Colorized Still Images Using DeepRemaster:
DeepRemaster
Once you have colorized your frame grabs, you can now use them as reference images for the corresponding video clips you’d like to colorize. You’ll need to upload them along with your archival video clip before you can run the DeepRemaster model in Colab.
DeepRemaster will now reference these colorized stills and apply a matching colorization to the corresponding video clip.
DeepRemaster Results
Needless to say, the initial results are stunning. We’ve certainly come a long way in the fast five years with this technology, however, DeepRemaster is a significant step forward. There are a few issues which seem to keep coming up and I’ve listed them below. I have not done any sort of quantitative testing to validate these observations.
RESTORATION
One issue I currently have with DeepRemaster is that the model also seems to be removing what it believes are unwanted artifacts. I would prefer to use my own methods to restore the image prior to colorization. I am, however, still learning to use the parameters of the model so this is something I might be able to address.
FLESH TONE
Darker skin tones don’t seem to be rendering as well as lighter skin tones. I’m not implying that this artifact is the result of the model not being trained with enough darker skin tones. This might be an issue with the model’s ability to segment and effectively colorize areas of the image with lower luminance values. Perhaps there is some sort of sweet spot for flesh tone exposure which I’m not taking advantage of. I have not color graded these source images before or after the fact. I’ve only cleaned up the dust and scratches a bit before colorizing. This might also simply be due to the specific nature of this test material. I need to run other media through the model to see if this is consistent.
MAGENTA SHADOWS
As I mention above, DeepRemaster has trouble rendering realistic shadows (not always but often). This becomes particularly problematic as the darker image areas have a magenta wash to them. You can see in the tests that the darker areas shift toward the line of purples and because of this, there is a global magenta feel to the results.
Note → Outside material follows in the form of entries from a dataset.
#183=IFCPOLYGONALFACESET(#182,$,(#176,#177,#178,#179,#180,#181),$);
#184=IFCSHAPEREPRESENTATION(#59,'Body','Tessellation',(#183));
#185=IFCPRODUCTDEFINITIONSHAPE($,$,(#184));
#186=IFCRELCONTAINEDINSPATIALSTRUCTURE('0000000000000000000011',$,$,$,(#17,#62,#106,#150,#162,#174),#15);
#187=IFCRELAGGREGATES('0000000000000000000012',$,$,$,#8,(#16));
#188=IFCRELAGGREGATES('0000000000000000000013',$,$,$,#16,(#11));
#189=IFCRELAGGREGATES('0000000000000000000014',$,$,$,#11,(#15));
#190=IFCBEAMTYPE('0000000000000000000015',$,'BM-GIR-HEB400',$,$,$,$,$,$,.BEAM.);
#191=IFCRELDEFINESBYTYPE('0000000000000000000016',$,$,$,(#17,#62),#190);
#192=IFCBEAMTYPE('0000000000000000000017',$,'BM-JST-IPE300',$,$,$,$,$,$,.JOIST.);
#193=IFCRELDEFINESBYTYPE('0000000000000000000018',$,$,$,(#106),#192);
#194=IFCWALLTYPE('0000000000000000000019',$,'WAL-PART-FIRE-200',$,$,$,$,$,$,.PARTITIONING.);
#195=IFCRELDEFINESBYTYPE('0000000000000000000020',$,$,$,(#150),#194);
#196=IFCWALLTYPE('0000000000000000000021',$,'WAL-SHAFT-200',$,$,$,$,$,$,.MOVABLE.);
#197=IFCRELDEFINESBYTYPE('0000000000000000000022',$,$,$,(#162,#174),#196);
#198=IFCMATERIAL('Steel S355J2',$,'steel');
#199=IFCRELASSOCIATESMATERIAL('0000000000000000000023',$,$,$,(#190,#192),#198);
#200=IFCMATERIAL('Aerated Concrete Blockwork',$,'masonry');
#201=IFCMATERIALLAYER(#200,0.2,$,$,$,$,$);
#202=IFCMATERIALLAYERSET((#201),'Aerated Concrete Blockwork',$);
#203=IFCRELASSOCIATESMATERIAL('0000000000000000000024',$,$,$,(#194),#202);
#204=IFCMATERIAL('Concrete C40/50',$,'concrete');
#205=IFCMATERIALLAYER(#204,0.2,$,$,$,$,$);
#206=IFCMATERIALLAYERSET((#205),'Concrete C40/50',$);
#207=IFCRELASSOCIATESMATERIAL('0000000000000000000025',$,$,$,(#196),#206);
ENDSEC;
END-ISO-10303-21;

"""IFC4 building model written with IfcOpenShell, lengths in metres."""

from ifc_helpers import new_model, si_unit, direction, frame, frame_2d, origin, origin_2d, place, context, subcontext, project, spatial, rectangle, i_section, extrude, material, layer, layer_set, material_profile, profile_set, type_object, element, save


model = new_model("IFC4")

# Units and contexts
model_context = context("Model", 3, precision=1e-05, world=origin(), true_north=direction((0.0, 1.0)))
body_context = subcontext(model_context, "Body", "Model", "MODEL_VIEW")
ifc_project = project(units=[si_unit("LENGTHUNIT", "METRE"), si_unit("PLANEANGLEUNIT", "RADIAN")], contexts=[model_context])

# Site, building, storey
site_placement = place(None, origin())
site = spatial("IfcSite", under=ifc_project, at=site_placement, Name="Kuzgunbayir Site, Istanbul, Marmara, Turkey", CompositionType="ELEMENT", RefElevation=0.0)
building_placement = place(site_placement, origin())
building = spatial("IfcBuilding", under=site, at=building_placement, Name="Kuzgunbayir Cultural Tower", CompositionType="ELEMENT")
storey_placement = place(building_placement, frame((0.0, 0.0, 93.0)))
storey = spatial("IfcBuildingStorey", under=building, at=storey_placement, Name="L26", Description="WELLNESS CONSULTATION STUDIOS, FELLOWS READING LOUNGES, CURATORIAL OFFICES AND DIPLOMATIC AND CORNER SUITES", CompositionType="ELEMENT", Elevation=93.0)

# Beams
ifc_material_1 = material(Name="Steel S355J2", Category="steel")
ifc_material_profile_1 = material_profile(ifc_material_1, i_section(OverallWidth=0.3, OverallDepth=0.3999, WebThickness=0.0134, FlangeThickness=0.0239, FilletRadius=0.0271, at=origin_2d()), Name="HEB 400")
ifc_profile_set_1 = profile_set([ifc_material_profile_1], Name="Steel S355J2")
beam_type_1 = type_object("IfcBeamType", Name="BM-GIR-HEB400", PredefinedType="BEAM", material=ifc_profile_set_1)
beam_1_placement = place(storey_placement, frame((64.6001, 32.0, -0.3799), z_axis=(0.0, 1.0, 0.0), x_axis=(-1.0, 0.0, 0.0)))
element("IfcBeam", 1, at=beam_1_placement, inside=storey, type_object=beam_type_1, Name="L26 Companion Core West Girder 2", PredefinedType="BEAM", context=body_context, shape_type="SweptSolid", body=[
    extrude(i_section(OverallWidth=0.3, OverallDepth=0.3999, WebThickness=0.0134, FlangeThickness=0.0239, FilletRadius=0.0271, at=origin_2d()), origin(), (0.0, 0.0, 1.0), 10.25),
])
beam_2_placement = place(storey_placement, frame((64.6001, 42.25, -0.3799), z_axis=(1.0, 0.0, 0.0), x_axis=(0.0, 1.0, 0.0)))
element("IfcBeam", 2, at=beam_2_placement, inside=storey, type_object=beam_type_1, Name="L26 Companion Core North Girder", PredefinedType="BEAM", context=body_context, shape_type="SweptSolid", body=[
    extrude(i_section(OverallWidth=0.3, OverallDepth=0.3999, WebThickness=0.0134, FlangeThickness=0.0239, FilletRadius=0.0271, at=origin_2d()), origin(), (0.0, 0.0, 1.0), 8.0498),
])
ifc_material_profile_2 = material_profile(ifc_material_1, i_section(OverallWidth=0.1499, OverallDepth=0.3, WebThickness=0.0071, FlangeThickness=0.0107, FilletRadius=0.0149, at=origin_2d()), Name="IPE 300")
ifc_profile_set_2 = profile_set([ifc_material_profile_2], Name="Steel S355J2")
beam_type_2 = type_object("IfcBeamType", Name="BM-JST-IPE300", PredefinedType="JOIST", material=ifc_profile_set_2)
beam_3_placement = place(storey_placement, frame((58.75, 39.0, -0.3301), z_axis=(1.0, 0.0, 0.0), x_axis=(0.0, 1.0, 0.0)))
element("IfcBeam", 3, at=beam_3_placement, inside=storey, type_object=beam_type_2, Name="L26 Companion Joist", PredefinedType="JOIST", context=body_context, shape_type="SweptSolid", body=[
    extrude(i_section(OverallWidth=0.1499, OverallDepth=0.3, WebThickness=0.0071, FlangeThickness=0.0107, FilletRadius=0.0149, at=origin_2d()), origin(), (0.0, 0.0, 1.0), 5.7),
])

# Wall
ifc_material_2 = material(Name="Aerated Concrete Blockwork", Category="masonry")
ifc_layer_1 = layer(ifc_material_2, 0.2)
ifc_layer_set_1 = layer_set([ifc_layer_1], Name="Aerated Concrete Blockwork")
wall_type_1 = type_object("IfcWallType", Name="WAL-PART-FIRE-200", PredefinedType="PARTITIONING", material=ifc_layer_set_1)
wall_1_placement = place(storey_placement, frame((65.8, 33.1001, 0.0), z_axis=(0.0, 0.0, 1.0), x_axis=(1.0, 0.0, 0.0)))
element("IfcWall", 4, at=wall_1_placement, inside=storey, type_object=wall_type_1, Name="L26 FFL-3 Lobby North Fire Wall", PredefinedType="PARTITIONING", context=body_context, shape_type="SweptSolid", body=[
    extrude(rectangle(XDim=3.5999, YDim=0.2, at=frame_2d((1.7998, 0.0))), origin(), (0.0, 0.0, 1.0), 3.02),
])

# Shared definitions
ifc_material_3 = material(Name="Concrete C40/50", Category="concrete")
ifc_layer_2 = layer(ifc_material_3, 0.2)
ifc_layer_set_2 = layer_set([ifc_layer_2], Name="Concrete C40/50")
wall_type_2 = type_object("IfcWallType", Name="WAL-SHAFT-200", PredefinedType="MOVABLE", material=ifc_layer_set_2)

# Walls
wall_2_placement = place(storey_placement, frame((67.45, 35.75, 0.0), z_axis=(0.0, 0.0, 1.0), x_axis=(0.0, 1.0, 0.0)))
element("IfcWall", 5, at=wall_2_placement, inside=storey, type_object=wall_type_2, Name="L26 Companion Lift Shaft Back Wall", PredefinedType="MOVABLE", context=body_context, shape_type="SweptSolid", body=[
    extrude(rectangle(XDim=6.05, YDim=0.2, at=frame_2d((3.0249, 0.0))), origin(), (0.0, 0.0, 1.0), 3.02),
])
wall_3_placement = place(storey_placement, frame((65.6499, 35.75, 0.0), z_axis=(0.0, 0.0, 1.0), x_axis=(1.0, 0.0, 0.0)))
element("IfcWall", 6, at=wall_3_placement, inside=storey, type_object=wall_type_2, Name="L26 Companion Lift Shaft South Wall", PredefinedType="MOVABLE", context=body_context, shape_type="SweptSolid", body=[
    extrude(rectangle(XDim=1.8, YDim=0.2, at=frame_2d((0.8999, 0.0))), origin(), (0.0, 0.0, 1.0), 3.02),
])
INCONSISTENT IMAGE SEGMENTATION
The model often does not recognize things like hands and legs when they take on abstract angles/perspectives. You’ll notice that somethings people’s faces and limbs drift in and out of color. I would not say that this is due to compression artifacts or large macroblocking as I did deblock and clean other compression artifacts out of the source image before testing. This is certainly one of the major issues with the current model since if there’s ever to be massive industry adoption for this technology, consistency will be paramount. The good news is that this is a popular field of research and the models keep improving. It will only be a matter of time before we get there.
COMPRESSED HIGHLIGHTS
You’ll notice that the highlights seem to be a bit hotter in the colorized material than in the source image. To be fair, this may be my fault. I need to play around with various input rendering transforms to see what it prefers. Was the model trained on archival? If so, was this archival’s color primaries and gamma kept at Rec.601 or was it transformed to Rec.709/Bt.1886? I need to read the documentation to find out a bit more. But I would prefer the model not make any gamma changes to my image if I’m going to add this methodology into my pipeline.